Os defensores dos métodos fônicos citam pesquisas publicadas em revistas científicas sobre o funcionamento do cérebro e o desenvolvimento infantil para argumentar em favor da maior eficácia do método. Eles postulam que a alfabetização consiste no desenvolvimento de habilidades que permitem à pessoa decifrar o código da escrita e da leitura, tornando-a capaz para utilizar a língua em sua vida. Neste post no site do Instituto Alfa e Beto, é possível esclarecer dúvidas e aprofundar a compreensão sobre o método fônico.
Em contrapartida, os especialistas e pesquisadores que se alinham com as abordagens globais defendem a superação da ideia de que a alfabetização depende de um método. Para eles, é preciso adotar metodologias e estratégias derivadas de diversos métodos distintos, se necessário, para alfabetizar.
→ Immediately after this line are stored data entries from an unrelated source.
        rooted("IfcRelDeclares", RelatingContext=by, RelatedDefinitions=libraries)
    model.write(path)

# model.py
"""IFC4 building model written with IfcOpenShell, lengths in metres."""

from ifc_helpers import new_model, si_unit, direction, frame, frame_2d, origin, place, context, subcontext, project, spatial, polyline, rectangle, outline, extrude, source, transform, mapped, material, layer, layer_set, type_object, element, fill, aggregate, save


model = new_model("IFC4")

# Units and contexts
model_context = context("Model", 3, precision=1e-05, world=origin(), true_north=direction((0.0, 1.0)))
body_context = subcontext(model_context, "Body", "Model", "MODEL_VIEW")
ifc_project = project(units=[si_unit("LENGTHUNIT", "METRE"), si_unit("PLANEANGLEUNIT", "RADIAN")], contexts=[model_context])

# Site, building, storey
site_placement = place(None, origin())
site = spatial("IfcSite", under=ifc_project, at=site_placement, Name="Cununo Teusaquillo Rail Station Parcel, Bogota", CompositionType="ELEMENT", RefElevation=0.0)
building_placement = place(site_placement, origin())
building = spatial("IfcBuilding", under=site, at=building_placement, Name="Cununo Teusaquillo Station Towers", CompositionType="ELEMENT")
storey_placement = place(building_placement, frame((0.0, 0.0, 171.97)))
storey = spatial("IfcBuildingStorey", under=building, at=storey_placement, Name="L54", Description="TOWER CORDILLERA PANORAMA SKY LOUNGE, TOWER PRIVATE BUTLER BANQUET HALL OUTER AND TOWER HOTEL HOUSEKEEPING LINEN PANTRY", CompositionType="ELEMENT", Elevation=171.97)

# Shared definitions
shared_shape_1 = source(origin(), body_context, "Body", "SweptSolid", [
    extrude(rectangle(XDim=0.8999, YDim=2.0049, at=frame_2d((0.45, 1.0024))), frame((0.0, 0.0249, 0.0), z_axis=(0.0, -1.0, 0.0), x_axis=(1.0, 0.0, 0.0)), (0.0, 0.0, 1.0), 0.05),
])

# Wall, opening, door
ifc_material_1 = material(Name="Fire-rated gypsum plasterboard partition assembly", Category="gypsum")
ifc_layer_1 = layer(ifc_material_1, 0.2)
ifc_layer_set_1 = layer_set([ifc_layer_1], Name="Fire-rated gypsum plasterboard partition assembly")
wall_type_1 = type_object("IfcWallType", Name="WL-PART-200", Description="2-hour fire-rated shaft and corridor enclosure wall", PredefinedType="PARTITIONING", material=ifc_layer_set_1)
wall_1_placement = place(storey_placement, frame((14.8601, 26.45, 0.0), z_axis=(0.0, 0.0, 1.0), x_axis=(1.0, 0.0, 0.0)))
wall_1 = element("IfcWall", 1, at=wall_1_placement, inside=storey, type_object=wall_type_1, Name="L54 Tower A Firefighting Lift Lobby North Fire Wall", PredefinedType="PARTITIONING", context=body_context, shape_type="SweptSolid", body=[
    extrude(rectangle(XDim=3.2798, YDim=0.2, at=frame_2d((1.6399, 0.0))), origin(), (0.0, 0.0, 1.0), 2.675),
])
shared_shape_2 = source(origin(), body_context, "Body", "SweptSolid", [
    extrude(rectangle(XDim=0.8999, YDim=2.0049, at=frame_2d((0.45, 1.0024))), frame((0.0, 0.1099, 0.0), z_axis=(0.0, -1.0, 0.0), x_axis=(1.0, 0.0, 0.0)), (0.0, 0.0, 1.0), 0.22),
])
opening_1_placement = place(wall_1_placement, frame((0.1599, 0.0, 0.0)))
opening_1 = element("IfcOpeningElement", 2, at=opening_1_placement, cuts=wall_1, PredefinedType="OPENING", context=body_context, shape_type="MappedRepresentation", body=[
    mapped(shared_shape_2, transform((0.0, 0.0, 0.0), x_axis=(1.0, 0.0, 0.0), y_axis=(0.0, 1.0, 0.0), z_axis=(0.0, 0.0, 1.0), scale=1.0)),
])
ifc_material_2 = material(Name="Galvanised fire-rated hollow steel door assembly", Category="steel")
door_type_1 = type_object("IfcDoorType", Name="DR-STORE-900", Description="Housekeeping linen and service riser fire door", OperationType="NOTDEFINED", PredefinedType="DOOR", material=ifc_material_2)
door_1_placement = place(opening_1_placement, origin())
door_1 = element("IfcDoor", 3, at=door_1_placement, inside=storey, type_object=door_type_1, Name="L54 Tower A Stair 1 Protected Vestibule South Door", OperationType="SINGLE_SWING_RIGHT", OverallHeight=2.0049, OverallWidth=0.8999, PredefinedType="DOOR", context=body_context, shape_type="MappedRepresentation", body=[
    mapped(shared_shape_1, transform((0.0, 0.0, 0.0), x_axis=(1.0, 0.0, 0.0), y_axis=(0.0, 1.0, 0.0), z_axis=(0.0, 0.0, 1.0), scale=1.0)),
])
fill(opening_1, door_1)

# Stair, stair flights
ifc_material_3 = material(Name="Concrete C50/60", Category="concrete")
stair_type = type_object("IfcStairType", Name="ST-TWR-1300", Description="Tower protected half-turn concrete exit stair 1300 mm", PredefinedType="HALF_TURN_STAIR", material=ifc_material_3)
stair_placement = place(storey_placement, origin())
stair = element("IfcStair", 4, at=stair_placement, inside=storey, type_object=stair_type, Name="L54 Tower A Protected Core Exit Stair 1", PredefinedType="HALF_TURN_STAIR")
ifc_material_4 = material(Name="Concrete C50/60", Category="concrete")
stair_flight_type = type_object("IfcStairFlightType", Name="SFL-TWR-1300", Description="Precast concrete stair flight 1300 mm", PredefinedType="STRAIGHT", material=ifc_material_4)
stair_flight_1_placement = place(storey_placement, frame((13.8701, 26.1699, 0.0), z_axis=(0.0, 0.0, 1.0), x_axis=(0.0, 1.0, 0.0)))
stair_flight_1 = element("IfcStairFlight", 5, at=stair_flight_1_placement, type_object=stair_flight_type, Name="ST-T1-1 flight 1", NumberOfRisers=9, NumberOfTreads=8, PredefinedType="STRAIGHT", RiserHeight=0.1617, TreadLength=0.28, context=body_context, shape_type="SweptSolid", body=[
Assim, segundo eles, dentro da visão construtivista não existe um impedimento para que professores incorporem técnicas tradicionais. A revista Letra A, publicada em dezembro pelo Ceale/UFMG, aprofunda essa questão (ver página 3).
O que está em jogo, nessa perspectiva, é a visão de que o conhecimento é construído na interação entre professor e aluno. Portanto, para os construtivistas, a formação de pessoas capazes de ler e escrever com propriedade não se limita à assimilação de determinadas habilidades.
Para além do método
A qualidade da aprendizagem depende de diversos fatores internos e externos à sala de aula e à escola. Com a alfabetização também é assim. A formação do professor é um aspecto importante e, nesse item, os especialistas dos dois lados concordam que é necessário melhorar a formação inicial dos professores brasileiros.
Entre outros fatores que influem estão a qualidade do material didático, a infraestrutura das escolas, a existência de bibliotecas. A psicomotricidade das crianças, as condições socioeconômicas das famílias, a exposição a livros, entre outros aspectos, também podem favorecer a alfabetização.
A continuidade das políticas públicas também deve ser levada em conta. Nesse sentido, vale mencionar ações iniciadas há um tempo relativamente curto e que ainda estão em fase de amadurecimento.Vale acompanhar como elas vão funcionar no novo cenário.
Um exemplo é o Pnaic (Pacto Nacional pela Alfabetização na Idade Correta), de 2012, que reuniu estados e municípios em torno do compromisso de se cumprir a Meta 5 do PNE. Após críticas, em 2017 o Pnaic foi incorporado ao Programa Novo Mais Educação, que além de assegurar a alfabetização até os 8 anos de idade, envolveu ações para reduzir a distorção idade-série, melhorar o Ideb (Índice de Desenvolvimento da Educação Básica) e formação de professores.
A BNCC, que começa a ser implementada a partir deste ano, também é outro exemplo. A expectativa é de que, ao dar um norte para os currículos escolares (pois define, de maneira clara, habilidades a serem desenvolvidas em cada ano), o documento colabore para a aprendizagem.